Beijing juga menyambut baik keputusan pemerintahan Biden untuk tetap berada di Organisasi Kesehatan Dunia (WHO) dan kembali ke Perjanjian Iklim Paris. Namun, pemerintahan baru Biden diperkirakan tidak mungkin mengubah secara signifikan kebijakan AS atas sejumlah hal lain, yakni tentang perdagangan, dinamika Taiwan-China, persoalan hak asasi manusia, dan dinamika di Laut China Selatan yang telah membuat marah pemerintah Xi.
Biden mengungkapkan, dirinya sudah pernah membicarakan sesuatu dengan Xi, yang pada intinya, ia ingin agar hubungan AS-China tidak perlu diwarnai dengan sebuah konflik, apalagi konflik terbuka. Namun, Biden menambahkan adanya persaingan di antara kedua negara. ”Persaingan yang ekstrem. Saya tidak akan melakukannya seperti yang dia ketahui. Hal itu karena dia juga mengirimkan sinyal serupa,” kata Biden.
Itu artinya, menurut Biden, dia tidak akan melanjutkan model relasi AS-China seperti yang dilakukan Trump. Biden ingin fokus pada aturan internasional.
Tengah pekan lalu penasihat keamanan nasional AS, Jake Sullivan, menyatakan, Presiden Biden tidak akan melulu menaruh perhatian dalam persaingannya dengan China. Biden juga berupaya memperbaiki kualitas demokrasi AS di dalam negeri AS sendiri. Perbaikan kualitas domestik itu juga dinilai penting bagi Biden dalam upaya memenangi persaingan dengan China. Strategi pemerintahan baru Biden itu termasuk memperbarui aliansi dan investasi yang kuat dalam teknologi untuk memastikan AS mempertahankan keunggulannya.
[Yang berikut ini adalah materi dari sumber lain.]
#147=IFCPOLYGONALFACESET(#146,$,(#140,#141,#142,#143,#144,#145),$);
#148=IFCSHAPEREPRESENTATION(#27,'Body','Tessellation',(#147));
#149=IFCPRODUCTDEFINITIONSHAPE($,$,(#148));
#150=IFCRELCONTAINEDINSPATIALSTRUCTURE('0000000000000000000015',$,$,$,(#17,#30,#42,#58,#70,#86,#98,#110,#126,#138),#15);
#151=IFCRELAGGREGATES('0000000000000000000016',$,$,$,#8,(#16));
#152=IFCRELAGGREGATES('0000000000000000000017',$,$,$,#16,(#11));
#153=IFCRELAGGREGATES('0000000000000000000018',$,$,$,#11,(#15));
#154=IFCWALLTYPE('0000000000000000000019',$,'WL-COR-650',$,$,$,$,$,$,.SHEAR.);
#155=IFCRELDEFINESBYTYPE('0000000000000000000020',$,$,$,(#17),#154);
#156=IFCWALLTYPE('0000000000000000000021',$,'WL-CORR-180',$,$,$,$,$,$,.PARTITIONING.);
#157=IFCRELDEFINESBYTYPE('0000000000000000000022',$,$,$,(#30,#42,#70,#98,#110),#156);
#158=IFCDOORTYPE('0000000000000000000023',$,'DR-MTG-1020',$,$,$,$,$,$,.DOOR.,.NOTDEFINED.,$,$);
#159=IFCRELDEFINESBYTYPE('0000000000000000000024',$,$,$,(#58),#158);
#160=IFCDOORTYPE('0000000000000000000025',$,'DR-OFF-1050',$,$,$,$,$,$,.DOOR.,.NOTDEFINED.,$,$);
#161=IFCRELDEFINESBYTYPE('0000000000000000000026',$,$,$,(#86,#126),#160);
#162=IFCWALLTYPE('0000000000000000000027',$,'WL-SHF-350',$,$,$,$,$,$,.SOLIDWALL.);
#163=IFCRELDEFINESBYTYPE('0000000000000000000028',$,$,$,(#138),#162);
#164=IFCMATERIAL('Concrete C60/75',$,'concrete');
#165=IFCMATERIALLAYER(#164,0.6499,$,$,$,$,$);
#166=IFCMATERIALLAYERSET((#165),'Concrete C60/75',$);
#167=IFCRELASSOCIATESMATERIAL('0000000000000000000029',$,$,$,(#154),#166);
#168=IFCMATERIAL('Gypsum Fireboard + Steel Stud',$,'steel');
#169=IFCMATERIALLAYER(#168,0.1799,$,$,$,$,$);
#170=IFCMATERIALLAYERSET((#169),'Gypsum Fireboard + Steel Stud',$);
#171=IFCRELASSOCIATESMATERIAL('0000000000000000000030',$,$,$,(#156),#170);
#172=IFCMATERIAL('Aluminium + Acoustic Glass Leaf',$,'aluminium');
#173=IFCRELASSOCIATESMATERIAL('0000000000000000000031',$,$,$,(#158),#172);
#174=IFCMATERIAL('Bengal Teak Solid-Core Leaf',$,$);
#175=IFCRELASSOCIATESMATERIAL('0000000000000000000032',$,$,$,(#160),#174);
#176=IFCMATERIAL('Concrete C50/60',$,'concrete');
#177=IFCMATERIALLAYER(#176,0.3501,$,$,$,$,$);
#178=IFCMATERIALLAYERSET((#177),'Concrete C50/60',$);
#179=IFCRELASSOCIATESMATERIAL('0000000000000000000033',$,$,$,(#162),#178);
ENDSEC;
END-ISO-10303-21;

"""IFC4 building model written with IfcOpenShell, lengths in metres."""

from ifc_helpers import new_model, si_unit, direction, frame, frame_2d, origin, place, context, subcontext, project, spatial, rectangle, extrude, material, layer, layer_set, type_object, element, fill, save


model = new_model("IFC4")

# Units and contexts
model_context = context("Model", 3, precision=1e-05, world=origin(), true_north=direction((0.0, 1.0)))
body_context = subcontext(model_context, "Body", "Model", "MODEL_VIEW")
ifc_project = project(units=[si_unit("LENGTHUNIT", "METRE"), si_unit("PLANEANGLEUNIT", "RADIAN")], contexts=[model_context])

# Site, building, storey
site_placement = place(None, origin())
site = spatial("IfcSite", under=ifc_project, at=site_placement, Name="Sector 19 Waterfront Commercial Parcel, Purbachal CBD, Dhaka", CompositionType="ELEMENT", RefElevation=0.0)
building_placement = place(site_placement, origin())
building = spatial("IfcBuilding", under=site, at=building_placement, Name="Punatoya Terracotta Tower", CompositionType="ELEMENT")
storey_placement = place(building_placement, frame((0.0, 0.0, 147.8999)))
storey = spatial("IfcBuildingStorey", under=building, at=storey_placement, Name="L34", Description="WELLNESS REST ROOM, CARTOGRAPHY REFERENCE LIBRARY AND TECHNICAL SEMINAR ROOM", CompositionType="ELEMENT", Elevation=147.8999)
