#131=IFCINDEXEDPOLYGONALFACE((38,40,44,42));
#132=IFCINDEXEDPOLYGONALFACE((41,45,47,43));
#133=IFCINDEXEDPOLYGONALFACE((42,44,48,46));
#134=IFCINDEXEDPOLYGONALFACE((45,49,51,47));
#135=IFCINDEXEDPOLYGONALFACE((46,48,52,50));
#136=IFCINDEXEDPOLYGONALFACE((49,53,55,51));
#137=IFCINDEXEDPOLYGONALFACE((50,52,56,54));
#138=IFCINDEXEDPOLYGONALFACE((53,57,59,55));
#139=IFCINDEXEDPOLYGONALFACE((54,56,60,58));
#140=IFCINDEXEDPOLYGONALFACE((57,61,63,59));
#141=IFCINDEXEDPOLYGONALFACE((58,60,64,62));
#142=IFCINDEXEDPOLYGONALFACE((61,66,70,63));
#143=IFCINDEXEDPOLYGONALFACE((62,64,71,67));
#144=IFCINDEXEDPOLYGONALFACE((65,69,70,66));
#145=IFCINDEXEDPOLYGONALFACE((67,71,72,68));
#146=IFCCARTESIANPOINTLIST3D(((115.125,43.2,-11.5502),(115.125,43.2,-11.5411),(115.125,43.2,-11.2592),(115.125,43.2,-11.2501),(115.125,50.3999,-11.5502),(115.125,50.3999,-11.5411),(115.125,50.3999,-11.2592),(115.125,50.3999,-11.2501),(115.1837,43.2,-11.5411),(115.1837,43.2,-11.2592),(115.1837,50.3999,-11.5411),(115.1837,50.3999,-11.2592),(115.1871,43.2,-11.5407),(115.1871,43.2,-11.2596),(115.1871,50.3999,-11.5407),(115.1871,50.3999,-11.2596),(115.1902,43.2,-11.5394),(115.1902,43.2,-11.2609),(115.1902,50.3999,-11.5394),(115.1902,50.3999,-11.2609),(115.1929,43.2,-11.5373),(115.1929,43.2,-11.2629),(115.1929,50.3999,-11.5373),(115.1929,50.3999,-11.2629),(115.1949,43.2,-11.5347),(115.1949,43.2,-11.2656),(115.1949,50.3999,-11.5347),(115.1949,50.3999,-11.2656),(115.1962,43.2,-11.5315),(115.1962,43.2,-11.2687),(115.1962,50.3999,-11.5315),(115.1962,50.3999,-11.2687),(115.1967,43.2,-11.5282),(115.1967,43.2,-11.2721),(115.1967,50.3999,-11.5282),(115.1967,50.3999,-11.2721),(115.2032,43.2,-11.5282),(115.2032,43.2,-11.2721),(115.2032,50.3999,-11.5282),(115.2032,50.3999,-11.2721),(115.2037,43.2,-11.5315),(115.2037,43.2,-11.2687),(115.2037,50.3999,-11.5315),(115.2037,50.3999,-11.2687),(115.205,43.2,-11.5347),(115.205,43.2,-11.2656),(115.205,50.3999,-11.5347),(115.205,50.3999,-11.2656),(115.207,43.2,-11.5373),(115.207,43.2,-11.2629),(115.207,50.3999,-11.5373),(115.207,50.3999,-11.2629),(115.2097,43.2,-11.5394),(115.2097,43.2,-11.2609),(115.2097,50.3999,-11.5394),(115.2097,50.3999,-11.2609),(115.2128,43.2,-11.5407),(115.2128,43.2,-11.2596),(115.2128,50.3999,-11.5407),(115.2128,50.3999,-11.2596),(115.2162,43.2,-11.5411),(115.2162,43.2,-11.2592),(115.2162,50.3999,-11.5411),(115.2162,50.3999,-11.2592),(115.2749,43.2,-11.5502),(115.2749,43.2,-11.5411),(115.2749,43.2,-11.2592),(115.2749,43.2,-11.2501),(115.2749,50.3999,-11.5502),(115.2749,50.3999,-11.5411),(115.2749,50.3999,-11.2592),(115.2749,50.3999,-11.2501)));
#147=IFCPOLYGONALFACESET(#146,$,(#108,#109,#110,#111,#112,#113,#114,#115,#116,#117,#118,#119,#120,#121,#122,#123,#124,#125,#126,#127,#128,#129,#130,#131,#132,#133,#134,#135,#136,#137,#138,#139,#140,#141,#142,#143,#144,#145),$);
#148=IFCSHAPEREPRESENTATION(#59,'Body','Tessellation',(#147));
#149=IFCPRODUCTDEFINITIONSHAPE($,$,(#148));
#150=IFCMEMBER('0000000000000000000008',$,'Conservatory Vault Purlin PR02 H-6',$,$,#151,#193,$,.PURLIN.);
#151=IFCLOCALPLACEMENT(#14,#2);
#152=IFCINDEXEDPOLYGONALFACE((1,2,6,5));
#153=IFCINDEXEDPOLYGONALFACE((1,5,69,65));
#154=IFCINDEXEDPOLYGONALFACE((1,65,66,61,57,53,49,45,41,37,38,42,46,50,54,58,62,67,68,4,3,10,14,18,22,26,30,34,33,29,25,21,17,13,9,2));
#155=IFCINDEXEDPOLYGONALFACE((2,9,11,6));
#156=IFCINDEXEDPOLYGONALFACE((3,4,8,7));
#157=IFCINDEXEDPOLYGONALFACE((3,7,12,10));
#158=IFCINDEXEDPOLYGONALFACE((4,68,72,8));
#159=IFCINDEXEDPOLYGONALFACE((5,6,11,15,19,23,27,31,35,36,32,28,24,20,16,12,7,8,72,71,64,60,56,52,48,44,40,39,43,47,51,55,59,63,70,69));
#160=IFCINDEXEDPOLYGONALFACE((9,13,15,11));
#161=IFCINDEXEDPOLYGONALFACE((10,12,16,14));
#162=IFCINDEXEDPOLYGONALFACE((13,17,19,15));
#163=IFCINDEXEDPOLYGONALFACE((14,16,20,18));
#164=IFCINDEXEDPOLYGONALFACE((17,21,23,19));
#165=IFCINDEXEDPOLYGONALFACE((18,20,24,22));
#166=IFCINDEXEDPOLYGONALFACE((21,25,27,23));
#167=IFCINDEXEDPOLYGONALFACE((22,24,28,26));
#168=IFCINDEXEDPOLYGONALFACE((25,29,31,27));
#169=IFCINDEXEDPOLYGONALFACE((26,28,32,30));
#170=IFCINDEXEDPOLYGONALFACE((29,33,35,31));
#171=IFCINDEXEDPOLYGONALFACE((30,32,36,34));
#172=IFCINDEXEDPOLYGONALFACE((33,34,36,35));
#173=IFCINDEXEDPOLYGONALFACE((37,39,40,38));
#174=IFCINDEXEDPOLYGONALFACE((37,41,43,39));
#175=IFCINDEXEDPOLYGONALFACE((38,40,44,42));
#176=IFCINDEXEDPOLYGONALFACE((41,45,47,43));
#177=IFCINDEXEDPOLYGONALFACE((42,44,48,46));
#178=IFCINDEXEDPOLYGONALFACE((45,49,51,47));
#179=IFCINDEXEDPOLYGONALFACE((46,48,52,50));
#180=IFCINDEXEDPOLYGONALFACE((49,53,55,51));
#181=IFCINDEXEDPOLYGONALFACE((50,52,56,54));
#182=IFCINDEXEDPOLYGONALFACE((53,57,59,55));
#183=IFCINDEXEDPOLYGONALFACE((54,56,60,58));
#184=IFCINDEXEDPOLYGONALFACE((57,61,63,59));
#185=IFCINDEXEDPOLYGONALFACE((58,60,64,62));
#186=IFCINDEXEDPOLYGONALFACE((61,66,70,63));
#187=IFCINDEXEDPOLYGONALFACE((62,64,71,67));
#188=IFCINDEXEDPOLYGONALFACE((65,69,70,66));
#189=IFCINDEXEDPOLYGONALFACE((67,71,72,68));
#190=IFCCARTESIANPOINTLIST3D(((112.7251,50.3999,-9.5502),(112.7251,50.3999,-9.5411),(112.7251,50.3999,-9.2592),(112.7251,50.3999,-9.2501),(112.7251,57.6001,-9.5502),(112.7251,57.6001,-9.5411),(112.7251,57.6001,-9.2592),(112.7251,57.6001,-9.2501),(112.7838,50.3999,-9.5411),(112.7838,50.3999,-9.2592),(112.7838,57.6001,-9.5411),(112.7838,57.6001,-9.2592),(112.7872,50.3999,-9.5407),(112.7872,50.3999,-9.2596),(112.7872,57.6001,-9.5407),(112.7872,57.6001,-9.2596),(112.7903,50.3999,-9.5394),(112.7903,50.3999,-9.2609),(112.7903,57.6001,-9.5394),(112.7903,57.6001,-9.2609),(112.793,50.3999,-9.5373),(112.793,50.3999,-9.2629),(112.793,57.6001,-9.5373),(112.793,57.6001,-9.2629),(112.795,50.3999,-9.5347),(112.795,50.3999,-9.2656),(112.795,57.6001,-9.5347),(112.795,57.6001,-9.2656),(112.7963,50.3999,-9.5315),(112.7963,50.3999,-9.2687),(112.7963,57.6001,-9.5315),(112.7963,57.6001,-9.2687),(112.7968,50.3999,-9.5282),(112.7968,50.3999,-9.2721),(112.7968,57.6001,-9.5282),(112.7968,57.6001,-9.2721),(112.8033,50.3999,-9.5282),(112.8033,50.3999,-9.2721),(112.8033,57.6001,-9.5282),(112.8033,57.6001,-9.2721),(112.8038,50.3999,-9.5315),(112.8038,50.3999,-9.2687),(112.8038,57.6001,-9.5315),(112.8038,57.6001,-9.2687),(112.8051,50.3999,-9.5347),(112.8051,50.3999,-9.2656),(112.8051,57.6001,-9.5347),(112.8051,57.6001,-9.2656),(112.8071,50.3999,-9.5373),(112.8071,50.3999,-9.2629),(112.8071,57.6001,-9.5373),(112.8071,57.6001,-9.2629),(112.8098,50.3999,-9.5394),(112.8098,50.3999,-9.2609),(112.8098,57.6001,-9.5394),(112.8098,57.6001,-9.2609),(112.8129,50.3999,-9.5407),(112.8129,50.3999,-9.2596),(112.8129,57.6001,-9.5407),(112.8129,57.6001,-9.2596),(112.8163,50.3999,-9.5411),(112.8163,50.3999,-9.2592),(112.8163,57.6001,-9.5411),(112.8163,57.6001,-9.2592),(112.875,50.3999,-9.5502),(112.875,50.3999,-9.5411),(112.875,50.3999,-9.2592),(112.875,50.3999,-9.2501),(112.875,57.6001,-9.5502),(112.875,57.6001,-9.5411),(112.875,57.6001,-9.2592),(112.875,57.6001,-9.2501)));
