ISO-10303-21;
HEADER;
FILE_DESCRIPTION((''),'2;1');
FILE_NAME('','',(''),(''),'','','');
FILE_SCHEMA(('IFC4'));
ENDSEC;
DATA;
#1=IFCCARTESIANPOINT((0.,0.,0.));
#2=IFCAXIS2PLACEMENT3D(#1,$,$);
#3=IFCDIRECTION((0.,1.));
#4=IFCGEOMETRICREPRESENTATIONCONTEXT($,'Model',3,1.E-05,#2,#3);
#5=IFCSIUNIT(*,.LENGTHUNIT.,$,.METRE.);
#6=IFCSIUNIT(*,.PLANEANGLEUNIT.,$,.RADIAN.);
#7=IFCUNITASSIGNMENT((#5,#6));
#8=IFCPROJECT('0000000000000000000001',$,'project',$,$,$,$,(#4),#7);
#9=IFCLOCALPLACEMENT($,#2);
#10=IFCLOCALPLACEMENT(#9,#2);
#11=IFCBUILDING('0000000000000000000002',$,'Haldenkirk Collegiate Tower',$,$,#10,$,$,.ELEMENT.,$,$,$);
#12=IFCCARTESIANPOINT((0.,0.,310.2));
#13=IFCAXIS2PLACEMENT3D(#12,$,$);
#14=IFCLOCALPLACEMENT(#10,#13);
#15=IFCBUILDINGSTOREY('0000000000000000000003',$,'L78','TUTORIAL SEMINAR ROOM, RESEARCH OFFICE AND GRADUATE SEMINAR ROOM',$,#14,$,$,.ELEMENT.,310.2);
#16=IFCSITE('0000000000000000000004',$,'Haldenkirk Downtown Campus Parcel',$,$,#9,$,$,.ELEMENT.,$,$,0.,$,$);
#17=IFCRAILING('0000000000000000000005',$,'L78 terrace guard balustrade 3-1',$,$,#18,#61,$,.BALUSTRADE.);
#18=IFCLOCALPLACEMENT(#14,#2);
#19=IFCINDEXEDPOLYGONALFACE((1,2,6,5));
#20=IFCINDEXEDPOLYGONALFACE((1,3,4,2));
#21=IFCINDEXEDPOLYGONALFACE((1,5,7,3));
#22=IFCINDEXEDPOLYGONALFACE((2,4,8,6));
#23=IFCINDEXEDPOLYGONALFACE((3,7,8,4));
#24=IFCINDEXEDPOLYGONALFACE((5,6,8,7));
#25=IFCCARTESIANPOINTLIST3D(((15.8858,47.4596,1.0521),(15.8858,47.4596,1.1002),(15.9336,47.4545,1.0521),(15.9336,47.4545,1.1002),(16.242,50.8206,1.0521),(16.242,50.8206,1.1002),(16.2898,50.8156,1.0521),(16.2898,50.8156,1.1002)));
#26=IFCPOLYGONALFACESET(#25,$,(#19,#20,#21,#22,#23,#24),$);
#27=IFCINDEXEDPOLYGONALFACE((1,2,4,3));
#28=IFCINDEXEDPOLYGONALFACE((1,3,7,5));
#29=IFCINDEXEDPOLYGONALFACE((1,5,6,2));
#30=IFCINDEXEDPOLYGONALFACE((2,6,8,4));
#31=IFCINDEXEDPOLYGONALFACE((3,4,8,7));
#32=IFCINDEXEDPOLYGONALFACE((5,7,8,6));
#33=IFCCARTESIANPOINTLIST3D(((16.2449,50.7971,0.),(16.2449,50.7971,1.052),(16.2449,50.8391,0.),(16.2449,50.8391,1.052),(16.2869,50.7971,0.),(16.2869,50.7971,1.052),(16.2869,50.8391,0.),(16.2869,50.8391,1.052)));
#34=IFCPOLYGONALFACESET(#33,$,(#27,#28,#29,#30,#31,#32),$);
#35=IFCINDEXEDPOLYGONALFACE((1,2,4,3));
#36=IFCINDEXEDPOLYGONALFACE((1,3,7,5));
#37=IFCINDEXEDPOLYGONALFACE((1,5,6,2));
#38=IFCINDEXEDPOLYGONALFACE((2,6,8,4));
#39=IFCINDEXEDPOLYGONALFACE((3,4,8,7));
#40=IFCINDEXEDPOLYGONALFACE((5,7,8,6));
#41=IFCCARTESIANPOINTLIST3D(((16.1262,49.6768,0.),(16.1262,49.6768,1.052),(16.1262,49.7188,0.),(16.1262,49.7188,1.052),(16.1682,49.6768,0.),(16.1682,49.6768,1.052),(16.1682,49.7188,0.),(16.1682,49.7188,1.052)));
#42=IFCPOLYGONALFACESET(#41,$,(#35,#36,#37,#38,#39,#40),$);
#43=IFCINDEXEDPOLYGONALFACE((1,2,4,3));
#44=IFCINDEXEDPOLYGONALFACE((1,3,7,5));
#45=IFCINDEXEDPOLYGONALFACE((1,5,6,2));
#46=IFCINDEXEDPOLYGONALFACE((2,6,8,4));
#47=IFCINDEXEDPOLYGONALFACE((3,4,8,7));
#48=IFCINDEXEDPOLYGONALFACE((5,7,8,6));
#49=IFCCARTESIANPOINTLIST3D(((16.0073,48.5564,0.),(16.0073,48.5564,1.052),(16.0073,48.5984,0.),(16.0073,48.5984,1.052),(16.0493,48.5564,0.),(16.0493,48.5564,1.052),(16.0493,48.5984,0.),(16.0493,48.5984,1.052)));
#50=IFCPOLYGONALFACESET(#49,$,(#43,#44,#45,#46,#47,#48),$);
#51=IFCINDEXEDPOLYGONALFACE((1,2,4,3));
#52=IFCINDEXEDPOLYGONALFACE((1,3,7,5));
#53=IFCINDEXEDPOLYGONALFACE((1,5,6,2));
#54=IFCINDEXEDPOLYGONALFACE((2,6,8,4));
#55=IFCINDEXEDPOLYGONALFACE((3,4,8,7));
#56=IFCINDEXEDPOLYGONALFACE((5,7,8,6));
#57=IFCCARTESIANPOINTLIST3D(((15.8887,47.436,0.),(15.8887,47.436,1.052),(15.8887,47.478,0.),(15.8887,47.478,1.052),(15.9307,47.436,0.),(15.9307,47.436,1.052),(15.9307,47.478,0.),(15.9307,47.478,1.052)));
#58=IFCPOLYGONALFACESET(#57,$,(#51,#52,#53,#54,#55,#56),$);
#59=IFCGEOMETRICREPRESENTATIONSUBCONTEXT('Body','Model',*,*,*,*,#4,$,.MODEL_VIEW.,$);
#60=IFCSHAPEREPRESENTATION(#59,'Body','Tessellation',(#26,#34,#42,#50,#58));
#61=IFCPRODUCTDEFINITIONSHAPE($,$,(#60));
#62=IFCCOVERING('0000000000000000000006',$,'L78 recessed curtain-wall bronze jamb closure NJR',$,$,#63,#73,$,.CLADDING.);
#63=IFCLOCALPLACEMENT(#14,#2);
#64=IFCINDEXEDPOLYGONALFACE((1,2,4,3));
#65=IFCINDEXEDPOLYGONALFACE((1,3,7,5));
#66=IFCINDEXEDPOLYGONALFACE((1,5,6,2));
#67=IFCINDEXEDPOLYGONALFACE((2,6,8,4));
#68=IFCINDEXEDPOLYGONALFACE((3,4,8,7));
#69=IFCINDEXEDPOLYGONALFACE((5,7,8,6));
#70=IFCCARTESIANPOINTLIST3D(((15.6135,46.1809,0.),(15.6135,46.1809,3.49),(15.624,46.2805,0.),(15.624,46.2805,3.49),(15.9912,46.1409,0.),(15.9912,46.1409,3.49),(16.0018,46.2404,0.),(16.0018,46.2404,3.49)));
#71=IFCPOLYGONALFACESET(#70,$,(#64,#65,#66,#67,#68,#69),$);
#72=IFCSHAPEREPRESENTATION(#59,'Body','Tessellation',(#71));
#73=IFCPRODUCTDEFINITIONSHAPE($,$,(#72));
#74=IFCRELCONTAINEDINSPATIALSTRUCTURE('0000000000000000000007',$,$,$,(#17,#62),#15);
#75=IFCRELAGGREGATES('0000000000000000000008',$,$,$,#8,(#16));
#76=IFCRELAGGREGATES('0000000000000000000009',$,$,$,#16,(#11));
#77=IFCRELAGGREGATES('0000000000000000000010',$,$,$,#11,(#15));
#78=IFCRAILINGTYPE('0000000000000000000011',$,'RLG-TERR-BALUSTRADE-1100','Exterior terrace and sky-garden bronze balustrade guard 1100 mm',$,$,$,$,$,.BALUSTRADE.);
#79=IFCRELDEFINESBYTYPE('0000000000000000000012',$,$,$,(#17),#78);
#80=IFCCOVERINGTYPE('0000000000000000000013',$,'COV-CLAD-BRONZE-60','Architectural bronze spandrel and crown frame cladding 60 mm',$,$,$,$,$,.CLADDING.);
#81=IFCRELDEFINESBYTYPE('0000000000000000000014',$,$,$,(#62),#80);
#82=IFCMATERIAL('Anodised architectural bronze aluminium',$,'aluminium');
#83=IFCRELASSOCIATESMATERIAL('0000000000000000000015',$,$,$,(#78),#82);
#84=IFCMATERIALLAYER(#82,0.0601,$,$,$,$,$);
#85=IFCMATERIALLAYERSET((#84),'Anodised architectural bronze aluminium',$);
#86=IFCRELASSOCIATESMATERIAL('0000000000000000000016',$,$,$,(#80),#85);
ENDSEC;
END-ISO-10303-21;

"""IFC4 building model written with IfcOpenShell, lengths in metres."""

from ifc_helpers import new_model, si_unit, direction, frame, origin, origin_2d, place, context, subcontext, project, spatial, rectangle, extrude, source, transform, mapped, material, layer, layer_set, type_object, element, save


model = new_model("IFC4")

# Units and contexts
model_context = context("Model", 3, precision=1e-05, world=origin(), true_north=direction((0.0, 1.0)))
body_context = subcontext(model_context, "Body", "Model", "MODEL_VIEW")
ifc_project = project(units=[si_unit("LENGTHUNIT", "METRE"), si_unit("PLANEANGLEUNIT", "RADIAN")], contexts=[model_context])

# Site, building, storey
site_placement = place(None, origin())
site = spatial("IfcSite", under=ifc_project, at=site_placement, Name="Haldenkirk Downtown Campus Parcel", CompositionType="ELEMENT", RefElevation=0.0)
building_placement = place(site_placement, origin())
building = spatial("IfcBuilding", under=site, at=building_placement, Name="Haldenkirk Collegiate Tower", CompositionType="ELEMENT")
storey_placement = place(building_placement, frame((0.0, 0.0, 310.2)))
storey = spatial("IfcBuildingStorey", under=building, at=storey_placement, Name="L78", Description="TUTORIAL SEMINAR ROOM, RESEARCH OFFICE AND GRADUATE SEMINAR ROOM", CompositionType="ELEMENT", Elevation=310.2)

# Shared definitions
ifc_material_1 = material(Name="Anodised architectural bronze aluminium", Category="aluminium")

# Railing
railing_type = type_object("IfcRailingType", Name="RLG-TERR-BALUSTRADE-1100", Description="Exterior terrace and sky-garden bronze balustrade guard 1100 mm", PredefinedType="BALUSTRADE", material=ifc_material_1)
railing_1_placement = place(storey_placement, frame((16.2659, 50.8181, 0.0)))
element("IfcRailing", 1, at=railing_1_placement, inside=storey, type_object=railing_type, Name="L78 terrace guard balustrade 3-1", PredefinedType="BALUSTRADE", context=body_context, shape_type="SweptSolid", body=[
    extrude(rectangle(XDim=0.0481, YDim=0.0481, at=origin_2d()), frame((0.0, 0.0, 1.0762), z_axis=(-0.105388, -0.994431, 0.0), x_axis=(0.994431, -0.105388, 0.0)), (0.0, 0.0, 1.0), 3.3799),
    extrude(rectangle(XDim=0.042, YDim=0.042, at=origin_2d()), origin(), (0.0, 0.0, 1.0), 1.052),
    extrude(rectangle(XDim=0.042, YDim=0.042, at=origin_2d()), frame((-0.1187, -1.1204, 0.0)), (0.0, 0.0, 1.0), 1.052),
    extrude(rectangle(XDim=0.042, YDim=0.042, at=origin_2d()), frame((-0.2375, -2.2407, 0.0)), (0.0, 0.0, 1.0), 1.052),
    extrude(rectangle(XDim=0.042, YDim=0.042, at=origin_2d()), frame((-0.3562, -3.3611, 0.0)), (0.0, 0.0, 1.0), 1.052),
])

# Covering
ifc_layer_1 = layer(ifc_material_1, 0.0601)
ifc_layer_set_1 = layer_set([ifc_layer_1], Name="Anodised architectural bronze aluminium")
covering_type = type_object("IfcCoveringType", Name="COV-CLAD-BRONZE-60", Description="Architectural bronze spandrel and crown frame cladding 60 mm", PredefinedType="CLADDING", material=ifc_layer_set_1)
shared_shape_1 = source(origin(), body_context, "Body", "SweptSolid", [
    extrude(rectangle(XDim=0.1001, YDim=0.3799, at=origin_2d()), origin(), (0.0, 0.0, 1.0), 3.49),
])
covering_placement = place(storey_placement, frame((15.8076, 46.2107, 0.0), z_axis=(0.0, 0.0, 1.0), x_axis=(0.105396, 0.99443, 0.0)))
element("IfcCovering", 2, at=covering_placement, inside=storey, type_object=covering_type, Name="L78 recessed curtain-wall bronze jamb closure NJR", PredefinedType="CLADDING", context=body_context, shape_type="MappedRepresentation", body=[
    mapped(shared_shape_1, transform((0.0, 0.0, 0.0), x_axis=(1.0, 0.0, 0.0), y_axis=(0.0, 1.0, 0.0), z_axis=(0.0, 0.0, 1.0), scale=1.0)),
])

save(model, "model.ifc")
Sullivan mengatakan bahwa China lebih eksplisit menilai model kepemimpinan. ”Mereka menunjuk pada disfungsi dan perpecahan di Amerika Serikat dan berkata, lihat itu, sistem mereka tidak berfungsi, sistem kami berfungsi,” kata Sullivan di Institut Perdamaian AS.
Berkaca dari kritik itu, menurut Sullivan, hal utama dan pertama yang harus dilakukan Washington adalah memperbarui fondasi fundamental demokrasi AS itu sendiri. ”Dan, itu berlaku untuk segala hal, mulai dari sistem demokrasi kita sendiri, masalah ketidaksetaraan rasial, hingga masalah ketidaksetaraan ekonomi. Semua hal yang telah berkontribusi pada Amerika,” katanya.
Pemerintahan Biden juga akan sangat mempromosikan penelitian di berbagai bidang, termasuk kecerdasan buatan, komputasi kuantum, bioteknologi, dan energi bersih. ”Itu membutuhkan kombinasi kerja sama yang erat dengan sekutu dan mitra dalam membuat investasi publik yang agresif dan ambisius di AS sehingga kami tetap menjadi yang terdepan,” kata Sullivan.
Di sisi lain, Sullivan mengatakan, Washington tetap akan keras terhadap Beijing di beberapa hal. Hal-hal itu meliputi kebijakan dan langkah yang diambil China di Xinjiang, apa yang dilakukan Beijing di Hong Kong, serta ancaman China terhadap Taiwan.